MT
ドビュッシーの「ロマンス」から練習を始めました。
譜読み上の問題点はないですが、音楽のスタイルが未完成だったので、テンポの変化などを中心に再構成してもらいました。
前半は、L’ame odoranteまでレシタティーヴォ風にゆったりと語り、その後伴奏がシンコペーションになるところから、歌の部分です。
低音発声の続くメロディは弱声であっても息もれの無い響きを目指してください。
テヌートのある所は、充分に響きを意識してください。
そして、フランス語ですが鼻母音はNがつかないように気を付けてください。
ヴェルレーヌの3つの詩。
1曲目は伴奏も歌のパートに書いてある、Calme et douceなどの表現に気を付けて、テンポを柔軟に変化できるように。
Ritなども指示がなくても、少しritすると良い個所など、指摘しました。
というのも、テンポ指示がなくても、あえて表現指示がある場合、その意味を考えると少しゆっくりしたほうが表現に適う場合があるからです。
In tempoを、絶対に動かないテンポと考える必要はないと思います。
2曲目は、低音の朗唱風のフレーズが多いのですが、ここで弱声を使うために息もれの声にならないように注意しました。
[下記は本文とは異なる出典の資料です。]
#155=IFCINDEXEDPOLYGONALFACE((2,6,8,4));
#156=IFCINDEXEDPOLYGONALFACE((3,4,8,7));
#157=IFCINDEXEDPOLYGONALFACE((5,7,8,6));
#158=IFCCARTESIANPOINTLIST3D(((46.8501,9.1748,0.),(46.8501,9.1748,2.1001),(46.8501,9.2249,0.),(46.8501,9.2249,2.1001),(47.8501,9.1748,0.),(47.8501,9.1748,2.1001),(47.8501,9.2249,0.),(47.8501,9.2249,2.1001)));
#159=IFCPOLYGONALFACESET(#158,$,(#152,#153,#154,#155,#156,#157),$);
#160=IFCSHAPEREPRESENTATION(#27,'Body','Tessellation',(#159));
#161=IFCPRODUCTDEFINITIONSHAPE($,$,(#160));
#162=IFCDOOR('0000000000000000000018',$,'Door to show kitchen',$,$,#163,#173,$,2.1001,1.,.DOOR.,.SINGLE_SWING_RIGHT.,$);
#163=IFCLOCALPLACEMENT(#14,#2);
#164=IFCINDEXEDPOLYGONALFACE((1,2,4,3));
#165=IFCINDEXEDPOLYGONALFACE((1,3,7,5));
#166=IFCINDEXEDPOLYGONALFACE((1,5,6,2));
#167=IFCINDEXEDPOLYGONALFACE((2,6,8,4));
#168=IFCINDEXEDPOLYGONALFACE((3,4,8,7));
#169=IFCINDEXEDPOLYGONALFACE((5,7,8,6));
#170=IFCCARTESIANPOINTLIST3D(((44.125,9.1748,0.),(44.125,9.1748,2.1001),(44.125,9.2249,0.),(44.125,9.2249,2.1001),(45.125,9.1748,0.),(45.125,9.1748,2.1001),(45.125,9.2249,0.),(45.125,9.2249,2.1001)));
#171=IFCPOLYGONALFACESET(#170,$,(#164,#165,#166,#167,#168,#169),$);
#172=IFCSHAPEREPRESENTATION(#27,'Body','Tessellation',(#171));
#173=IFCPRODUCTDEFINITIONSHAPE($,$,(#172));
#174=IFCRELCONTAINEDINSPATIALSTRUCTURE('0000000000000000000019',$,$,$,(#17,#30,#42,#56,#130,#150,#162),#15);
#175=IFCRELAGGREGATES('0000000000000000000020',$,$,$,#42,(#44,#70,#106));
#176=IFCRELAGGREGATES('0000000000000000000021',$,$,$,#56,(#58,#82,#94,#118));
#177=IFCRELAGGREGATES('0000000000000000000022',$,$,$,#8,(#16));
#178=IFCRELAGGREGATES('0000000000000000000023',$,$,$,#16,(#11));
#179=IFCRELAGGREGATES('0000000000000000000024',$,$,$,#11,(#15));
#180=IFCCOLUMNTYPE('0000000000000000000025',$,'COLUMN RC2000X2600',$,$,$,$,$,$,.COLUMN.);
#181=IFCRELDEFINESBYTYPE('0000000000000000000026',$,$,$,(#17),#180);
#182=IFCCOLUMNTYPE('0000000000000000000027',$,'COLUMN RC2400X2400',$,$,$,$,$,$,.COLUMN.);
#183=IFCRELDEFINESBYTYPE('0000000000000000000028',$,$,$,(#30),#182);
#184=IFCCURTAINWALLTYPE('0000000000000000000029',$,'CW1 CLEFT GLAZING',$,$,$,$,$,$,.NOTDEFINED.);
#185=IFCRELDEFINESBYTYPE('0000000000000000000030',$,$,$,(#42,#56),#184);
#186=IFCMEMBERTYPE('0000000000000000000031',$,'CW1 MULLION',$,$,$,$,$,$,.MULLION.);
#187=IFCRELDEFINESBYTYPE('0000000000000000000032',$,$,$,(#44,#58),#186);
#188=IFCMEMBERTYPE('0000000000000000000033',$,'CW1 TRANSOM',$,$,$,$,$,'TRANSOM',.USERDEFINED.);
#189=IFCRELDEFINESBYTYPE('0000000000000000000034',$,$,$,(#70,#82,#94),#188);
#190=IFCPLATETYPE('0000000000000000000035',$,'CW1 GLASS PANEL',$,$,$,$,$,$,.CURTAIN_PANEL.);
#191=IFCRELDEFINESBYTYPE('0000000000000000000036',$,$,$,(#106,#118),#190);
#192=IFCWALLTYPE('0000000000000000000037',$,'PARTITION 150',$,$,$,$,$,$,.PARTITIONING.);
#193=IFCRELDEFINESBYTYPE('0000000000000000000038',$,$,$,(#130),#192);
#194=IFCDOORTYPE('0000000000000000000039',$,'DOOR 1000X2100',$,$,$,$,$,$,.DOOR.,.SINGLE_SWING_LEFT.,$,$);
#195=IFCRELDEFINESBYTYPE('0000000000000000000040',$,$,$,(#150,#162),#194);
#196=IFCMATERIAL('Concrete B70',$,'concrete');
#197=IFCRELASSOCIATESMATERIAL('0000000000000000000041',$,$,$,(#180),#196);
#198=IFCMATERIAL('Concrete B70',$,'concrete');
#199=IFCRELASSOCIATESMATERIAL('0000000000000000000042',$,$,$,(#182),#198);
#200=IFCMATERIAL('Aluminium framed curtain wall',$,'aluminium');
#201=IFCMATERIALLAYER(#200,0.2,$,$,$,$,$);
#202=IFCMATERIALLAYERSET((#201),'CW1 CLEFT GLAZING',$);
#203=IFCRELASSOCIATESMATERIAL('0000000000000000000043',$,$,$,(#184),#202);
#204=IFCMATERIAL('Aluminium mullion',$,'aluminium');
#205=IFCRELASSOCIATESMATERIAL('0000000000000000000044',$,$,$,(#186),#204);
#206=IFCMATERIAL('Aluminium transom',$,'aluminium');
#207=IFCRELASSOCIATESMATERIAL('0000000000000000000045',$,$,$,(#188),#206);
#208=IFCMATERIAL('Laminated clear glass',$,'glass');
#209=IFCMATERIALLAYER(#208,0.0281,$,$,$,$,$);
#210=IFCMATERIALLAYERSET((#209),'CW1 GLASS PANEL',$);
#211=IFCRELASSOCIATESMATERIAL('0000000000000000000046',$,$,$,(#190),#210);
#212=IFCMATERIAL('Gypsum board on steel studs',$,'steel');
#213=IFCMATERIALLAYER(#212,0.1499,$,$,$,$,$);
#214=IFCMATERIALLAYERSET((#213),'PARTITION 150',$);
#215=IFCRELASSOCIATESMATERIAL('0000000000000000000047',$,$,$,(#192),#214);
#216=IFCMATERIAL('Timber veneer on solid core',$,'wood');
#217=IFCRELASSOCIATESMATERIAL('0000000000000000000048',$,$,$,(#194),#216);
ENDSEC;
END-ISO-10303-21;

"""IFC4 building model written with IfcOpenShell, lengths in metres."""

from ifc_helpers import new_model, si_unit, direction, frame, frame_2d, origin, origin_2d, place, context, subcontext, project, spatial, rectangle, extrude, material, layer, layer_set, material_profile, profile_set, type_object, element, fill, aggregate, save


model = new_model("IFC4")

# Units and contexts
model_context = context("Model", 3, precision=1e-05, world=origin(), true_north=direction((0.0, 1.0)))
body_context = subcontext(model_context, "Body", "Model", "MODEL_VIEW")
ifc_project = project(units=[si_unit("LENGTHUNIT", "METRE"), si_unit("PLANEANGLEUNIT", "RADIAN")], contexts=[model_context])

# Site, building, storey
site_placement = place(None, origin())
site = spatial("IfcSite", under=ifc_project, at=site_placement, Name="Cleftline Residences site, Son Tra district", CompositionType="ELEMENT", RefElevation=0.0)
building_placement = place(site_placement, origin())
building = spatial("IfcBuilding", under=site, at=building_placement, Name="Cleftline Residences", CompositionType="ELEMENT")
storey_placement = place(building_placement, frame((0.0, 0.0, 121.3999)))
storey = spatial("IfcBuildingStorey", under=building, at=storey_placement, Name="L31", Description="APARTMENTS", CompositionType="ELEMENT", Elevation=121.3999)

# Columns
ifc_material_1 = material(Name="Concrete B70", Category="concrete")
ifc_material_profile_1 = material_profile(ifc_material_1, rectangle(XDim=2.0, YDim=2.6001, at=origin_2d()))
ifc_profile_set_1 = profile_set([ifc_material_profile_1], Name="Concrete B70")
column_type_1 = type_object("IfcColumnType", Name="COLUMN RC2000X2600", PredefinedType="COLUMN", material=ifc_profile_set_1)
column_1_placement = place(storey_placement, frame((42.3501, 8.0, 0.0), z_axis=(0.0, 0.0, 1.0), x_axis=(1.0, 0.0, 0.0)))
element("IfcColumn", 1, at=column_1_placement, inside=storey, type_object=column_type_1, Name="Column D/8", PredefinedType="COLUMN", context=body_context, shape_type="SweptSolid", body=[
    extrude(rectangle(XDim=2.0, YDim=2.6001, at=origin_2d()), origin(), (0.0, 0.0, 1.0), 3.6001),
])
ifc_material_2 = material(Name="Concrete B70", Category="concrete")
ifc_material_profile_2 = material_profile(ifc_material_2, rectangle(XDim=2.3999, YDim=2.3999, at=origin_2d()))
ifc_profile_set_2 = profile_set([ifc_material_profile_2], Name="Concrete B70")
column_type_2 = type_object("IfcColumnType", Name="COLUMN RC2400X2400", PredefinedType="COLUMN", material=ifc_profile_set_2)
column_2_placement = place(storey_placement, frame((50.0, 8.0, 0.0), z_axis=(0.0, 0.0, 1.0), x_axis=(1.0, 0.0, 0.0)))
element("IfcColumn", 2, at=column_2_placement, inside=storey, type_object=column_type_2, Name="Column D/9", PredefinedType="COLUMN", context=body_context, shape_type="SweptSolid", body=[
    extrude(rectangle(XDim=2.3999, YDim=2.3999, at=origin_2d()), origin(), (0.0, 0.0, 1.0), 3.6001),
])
3曲目は、確かに若駒の飛び跳ねる爽やかな曲ですが、ピアノのテンポが速すぎないように。
言葉がついて行かなくなります。
声のポジションが高く、喉が高すぎるので、ポジションを下げてもらいました。
高めの音域で始まる曲、あるいは弱声の場合に、喉が高くなると、声が子供っぽくなるので注意が必要です。
TM
発声に関しては、高音の換声点辺りから喉が上がるのを、以前は抑えつけ過ぎていて、バリトンのデッケングのように感じました。
これは、彼のような素直な声で、ましてテノールの曲を歌う場合は不要な発声方法でしょう。
ただ、喉を上げないようにする必要はある程度出てきます。
前回は喉を下げようとして、舌根に力を入れすぎていたので、それを取るために、あえて喉を上げるように、という指示をしました。
このように、喉の状態のコントロールを柔軟に出来れば、自ずと調整が出来ることに意味があります。
そして、大事なことはコントロールするためには声量の適度な抑制が必要ということです。
経験に依存することですが、慣れないと自分の声量に自信が持てないために、必要以上に声を大きく出してしまいます。
これが、声楽に大事な声質と声域に大きな影響を与えます。
ただ、抑制し過ぎも良くないし、出し過ぎも良くないわけです。
適度な状態というものが、どういう感覚か?を早く身に着けることが、声楽発声の向上に役立つでしょう。
後、今回練習課題に加えたのは、歌う音程をどう感じるか?という感覚による発声の変化でした。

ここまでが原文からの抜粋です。